The latest results show that the efficacy rate, as measured seven days after the second dose, was the same whether the analysis looked only at people not previously infected with SARS-CoV-2, or if it included those with and without prior SARS-CoV-2 infection. Pfizer and BioNTech said that 10 severe cases of COVID-19 were observed in the trial, with nine of these occurring in the placebo group and one in the BNT162b2 arm. Results also showed that the efficacy in adults over 65 years of age was more than 94%, whilst it was consistent across age, gender, race and ethnicity demographics.

"We are grateful that the first global trial to reach the final efficacy analysis mark indicates that a high rate of protection against COVID-19 can be achieved very fast after the first 30-mcg dose, underscoring the power of BNT162 in providing early protection," remarked Ugur Sahin, chief executive of BioNTech.

Safety milestone hit

Pfizer and BioNTech also said that the safety milestone required by the FDA has been achieved, with an emergency-use application expected to be submitted "within days." Specifically, the companies noted that in a review of at least 8000 participants in the study, the only Grade 3 adverse events that had a frequency of 2% or more after the first or second dose was fatigue at 3.8% and headache at 2% following dose two.

According to Pfizer, the FDA is expected to discuss the application at an advisory committee meeting in December. Sahin said "if all goes well, I could imagine that we gain approval in the second half of December and start deliveries before Christmas, but really only if all goes positively." The data will be filed with other regulatory agencies around the world as well, whilst also being submitted for publication in a peer-reviewed medical journal once analysis of the study is completed. Pfizer and BioNTech indicated that the study, which began on July 27, has enrolled 43,661 participants to date, with 41,135 of these receiving a second dose of the vaccine candidate as of November 13. The trial is designed to collect efficacy and safety data for an additional two years.   

The announcement from Pfizer and BioNTech comes a matter of days after Moderna reported that its experimental COVID-19 vaccine mRNA-1273 showed an efficacy rate of 94.5% in the first interim analysis of a Phase III study.
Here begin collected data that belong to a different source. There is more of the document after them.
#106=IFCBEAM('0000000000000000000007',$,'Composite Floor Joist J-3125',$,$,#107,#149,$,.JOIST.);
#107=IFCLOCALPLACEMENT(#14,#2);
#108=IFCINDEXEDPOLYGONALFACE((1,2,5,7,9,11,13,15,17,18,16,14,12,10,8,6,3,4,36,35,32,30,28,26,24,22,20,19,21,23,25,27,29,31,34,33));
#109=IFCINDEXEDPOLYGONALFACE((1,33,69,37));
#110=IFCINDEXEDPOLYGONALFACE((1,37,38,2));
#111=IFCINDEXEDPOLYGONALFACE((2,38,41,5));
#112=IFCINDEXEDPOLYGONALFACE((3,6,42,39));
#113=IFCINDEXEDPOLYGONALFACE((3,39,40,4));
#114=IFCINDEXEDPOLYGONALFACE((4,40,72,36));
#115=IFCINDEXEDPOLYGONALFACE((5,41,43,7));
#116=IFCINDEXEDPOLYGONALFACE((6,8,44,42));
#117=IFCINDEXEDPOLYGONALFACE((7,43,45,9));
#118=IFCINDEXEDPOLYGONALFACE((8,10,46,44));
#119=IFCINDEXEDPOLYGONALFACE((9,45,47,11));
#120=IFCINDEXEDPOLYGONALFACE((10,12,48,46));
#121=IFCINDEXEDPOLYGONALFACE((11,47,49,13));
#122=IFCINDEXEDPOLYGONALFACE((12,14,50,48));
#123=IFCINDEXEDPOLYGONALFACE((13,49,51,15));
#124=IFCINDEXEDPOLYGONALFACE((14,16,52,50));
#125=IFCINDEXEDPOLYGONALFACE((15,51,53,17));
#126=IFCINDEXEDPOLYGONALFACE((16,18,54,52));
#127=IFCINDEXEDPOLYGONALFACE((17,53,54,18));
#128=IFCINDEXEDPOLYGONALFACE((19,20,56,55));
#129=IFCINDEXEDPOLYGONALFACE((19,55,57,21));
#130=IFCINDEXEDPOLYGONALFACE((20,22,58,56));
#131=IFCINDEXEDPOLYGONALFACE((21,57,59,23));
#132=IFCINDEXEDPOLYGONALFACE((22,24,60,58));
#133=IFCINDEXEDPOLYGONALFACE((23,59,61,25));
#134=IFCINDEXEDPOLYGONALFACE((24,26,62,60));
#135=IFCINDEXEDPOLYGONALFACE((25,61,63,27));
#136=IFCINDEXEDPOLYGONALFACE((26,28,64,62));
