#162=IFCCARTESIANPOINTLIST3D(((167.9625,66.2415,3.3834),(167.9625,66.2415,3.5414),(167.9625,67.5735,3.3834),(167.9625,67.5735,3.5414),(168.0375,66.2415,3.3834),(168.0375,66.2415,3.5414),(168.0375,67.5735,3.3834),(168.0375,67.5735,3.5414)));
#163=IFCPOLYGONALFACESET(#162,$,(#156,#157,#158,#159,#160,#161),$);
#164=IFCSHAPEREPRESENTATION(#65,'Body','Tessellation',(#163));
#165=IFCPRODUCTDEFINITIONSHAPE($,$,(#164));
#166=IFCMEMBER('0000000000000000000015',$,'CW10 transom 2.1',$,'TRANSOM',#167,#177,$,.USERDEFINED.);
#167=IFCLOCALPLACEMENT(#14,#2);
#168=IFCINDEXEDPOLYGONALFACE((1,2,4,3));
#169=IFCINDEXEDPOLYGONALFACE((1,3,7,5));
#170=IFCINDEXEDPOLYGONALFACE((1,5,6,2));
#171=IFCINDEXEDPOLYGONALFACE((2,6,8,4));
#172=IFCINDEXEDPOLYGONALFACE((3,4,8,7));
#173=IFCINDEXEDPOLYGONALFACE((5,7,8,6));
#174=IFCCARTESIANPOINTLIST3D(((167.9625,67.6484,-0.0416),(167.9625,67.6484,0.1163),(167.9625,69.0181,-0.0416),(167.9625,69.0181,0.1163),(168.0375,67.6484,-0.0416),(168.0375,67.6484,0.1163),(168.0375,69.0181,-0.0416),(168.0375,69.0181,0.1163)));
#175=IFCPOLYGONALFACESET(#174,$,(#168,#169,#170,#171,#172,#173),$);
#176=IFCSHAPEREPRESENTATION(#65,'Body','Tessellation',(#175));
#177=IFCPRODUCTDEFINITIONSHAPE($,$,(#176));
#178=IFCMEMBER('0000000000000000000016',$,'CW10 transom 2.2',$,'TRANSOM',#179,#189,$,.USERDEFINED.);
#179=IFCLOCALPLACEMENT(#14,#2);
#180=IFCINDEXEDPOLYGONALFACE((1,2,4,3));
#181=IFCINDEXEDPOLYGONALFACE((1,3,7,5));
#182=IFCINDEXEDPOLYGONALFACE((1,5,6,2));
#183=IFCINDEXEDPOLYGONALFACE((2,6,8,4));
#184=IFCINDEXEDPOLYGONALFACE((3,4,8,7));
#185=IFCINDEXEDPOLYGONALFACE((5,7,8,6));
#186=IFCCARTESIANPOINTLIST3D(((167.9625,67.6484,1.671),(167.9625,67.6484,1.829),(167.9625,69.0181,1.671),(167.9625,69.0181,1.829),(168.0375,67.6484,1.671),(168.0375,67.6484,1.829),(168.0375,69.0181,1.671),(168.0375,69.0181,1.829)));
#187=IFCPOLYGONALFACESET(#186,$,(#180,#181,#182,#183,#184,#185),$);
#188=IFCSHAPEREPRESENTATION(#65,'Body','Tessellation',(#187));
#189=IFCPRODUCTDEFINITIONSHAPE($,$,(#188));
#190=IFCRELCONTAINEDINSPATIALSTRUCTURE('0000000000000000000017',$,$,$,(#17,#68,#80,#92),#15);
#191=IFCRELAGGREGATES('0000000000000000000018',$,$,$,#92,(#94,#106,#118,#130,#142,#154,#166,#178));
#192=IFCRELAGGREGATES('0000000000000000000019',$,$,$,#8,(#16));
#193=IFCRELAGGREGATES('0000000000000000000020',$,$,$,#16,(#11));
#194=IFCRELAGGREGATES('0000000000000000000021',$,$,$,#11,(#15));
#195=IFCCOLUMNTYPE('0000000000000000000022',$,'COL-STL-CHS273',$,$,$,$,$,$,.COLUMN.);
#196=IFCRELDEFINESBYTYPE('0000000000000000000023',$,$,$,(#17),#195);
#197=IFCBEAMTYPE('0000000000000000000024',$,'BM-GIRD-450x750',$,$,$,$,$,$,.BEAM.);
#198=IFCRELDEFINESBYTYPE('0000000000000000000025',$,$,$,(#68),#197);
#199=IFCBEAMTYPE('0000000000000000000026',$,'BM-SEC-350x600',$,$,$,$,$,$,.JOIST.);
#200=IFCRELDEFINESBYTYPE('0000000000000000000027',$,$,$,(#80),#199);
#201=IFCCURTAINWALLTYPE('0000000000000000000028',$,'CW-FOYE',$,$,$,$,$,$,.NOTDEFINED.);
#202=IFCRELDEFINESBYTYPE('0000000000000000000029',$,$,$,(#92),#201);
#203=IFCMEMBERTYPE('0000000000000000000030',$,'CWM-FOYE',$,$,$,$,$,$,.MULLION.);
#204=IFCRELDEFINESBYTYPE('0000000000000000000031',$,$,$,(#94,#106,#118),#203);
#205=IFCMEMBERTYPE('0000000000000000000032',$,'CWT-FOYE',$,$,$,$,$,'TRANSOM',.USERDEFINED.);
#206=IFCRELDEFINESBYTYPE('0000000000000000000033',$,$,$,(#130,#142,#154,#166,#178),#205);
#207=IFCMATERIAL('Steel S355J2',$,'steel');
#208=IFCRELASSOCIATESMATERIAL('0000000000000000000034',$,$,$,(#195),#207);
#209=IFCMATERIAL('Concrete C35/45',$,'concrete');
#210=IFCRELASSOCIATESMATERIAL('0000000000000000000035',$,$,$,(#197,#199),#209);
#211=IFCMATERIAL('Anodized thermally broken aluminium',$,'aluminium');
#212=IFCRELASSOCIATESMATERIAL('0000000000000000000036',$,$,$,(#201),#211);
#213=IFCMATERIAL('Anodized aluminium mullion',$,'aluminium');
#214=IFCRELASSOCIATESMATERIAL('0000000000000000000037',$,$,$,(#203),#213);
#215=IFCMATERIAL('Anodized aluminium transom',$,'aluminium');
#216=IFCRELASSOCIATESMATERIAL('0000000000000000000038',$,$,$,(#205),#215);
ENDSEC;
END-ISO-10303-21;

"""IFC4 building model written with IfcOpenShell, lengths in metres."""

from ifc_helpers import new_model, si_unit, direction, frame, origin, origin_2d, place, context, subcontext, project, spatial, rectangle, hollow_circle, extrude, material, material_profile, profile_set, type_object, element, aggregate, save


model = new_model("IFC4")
Moderna noted that the analysis was based on 95 cases of coronavirus infection, of which 90 cases were observed in the placebo group versus five in the mRNA-1273 group. For related analysis, see ViewPoints: Two is a vital trend towards normalcy with COVID-19 vaccines, and Physician Views results: Lack of durability, emergence of serious side effects top doctors' concerns about COVID-19 vaccines.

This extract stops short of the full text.